COLLEGE PARK, MARYLAND, U.S. — The University of Maryland-College Park (UM) and Bowie State University, Bowie, Maryland, U.S., announced on Feb. 25 that a team of researchers representing both universities is working on ways to turn poplar trees into high-yield crops for biofuels including ethanol.

The hybrid trees would be grown on plantations and harvested without affecting existing woodlands.

The study is funded by a $3.2 million, four-year grant from the National Science Foundation's Plant Genome Research Project, which supports research on plants seen as having economic and agricultural importance. Using the recently completed poplar genome, the researchers are focusing on ways to improve the tree's nitrogen processing capability, which will enhance its growth rate and feasibility for use in fuel production.

For poplar to be truly effective as a biofuel source, its growth cycle needs to speed up and become more efficient, according to the researchers. One of the keys to doing so is to understand how it stores and cycles nitrogen, since nitrogen is an important factor in the growth and productivity of trees and crops.

The fertilizers that help produce big harvests are rich in nitrogen but are expensive and must be reapplied each year. Poplar is a perennial plant, capable of pulling nitrogen from its leaves, storing it through the winter, and redistributing it in the spring. A poplar tree is also capable of regrowing itself from its roots after being cut and may go through several cycles of growth and harvest throughout its life before a new tree needs to replace it.

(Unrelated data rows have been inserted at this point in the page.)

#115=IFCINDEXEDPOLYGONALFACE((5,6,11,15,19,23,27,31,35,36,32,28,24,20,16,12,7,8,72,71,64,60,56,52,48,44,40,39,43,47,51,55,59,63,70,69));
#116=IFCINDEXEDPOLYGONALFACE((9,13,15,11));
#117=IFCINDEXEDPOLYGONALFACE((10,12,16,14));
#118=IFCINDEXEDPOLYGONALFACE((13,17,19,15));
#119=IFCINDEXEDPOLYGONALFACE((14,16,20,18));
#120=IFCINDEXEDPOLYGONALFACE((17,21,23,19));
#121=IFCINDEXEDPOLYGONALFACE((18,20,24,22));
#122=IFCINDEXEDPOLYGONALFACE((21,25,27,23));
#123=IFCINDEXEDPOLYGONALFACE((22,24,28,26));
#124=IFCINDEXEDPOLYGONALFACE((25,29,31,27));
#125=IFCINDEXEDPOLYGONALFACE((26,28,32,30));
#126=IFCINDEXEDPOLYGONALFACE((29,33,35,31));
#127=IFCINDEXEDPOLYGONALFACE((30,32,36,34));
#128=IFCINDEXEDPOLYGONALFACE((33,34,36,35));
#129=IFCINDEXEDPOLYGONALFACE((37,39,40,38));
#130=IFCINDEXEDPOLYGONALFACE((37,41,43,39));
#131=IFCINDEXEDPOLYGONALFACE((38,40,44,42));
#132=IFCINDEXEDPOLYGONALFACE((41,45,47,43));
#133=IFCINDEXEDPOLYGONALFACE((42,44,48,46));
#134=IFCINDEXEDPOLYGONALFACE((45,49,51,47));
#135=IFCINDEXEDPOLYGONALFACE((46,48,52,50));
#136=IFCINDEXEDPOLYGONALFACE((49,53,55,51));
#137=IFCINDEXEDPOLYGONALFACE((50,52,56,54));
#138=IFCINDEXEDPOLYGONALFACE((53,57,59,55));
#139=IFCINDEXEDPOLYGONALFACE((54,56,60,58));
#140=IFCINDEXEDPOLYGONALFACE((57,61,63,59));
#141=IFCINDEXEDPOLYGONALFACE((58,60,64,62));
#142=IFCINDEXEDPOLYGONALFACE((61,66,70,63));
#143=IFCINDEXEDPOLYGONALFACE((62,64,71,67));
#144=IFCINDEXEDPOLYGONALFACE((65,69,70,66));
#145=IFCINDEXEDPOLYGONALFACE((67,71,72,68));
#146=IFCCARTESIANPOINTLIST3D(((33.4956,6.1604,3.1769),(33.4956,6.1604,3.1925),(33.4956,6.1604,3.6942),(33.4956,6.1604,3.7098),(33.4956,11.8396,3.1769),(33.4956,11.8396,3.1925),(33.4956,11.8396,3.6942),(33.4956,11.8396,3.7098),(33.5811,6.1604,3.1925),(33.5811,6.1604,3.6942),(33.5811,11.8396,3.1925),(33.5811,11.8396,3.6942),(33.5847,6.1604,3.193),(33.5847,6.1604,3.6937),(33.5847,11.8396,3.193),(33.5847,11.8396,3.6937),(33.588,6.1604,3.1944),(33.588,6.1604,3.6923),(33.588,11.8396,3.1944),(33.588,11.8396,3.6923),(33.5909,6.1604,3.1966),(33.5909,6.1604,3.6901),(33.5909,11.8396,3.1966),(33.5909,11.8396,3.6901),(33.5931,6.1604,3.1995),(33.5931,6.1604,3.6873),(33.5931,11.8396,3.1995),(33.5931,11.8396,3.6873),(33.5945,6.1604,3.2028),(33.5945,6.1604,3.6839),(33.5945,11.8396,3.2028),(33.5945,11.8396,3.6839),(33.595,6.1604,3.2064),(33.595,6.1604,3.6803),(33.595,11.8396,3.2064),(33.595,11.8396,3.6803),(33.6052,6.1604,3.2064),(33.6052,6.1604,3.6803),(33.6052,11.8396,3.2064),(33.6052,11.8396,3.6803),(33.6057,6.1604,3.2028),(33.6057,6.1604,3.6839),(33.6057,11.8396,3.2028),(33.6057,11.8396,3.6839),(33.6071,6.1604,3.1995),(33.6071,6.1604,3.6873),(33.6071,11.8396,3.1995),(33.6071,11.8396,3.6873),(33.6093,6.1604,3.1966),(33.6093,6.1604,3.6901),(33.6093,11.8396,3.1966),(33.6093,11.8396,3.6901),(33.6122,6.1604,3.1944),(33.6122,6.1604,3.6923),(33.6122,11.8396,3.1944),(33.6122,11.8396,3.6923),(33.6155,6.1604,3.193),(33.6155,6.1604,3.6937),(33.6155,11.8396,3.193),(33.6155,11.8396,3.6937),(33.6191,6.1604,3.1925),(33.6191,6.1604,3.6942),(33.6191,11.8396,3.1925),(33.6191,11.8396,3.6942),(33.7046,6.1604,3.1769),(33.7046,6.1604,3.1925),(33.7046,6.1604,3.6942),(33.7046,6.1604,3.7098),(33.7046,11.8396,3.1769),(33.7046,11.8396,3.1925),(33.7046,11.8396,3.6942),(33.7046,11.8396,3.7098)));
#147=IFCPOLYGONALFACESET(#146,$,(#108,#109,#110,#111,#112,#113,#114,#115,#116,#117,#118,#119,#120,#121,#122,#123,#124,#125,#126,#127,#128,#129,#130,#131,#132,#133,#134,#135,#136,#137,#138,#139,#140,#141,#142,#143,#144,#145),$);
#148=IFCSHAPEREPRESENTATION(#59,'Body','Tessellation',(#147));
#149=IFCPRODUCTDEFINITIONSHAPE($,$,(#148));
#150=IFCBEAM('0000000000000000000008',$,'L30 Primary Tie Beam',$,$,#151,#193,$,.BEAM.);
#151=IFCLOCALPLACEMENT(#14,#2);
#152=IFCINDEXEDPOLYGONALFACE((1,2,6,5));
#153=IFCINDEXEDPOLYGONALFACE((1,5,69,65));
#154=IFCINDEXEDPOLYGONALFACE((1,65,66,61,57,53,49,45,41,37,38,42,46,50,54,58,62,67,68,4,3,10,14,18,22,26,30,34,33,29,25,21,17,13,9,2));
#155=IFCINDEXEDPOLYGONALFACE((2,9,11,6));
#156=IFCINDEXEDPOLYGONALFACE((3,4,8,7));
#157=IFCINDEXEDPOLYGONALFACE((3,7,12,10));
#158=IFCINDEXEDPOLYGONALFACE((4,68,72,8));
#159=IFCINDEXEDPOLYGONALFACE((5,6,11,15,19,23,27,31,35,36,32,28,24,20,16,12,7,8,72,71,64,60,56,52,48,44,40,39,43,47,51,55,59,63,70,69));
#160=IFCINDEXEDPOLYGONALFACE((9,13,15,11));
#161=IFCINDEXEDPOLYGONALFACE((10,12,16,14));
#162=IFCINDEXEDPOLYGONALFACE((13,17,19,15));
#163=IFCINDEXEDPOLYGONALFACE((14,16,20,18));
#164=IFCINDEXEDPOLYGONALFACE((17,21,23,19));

"Both the growth in the spring and regrowth from roots after the stems are harvested depend on the availability of stored nitrogen," said Gary Coleman, lead researcher and associate professor of plant science and landscape architecture at UM's College of Agriculture and Natural Resources. "The data we collect will allow us to understand mechanisms of nitrogen cycling, determine how to increase the rates of the cellular reactions, and identify the genes that play a crucial role in the process. Eventually, we should be able to breed a variety of poplar with a more efficient nitrogen process, optimized for growth and rapid maturity."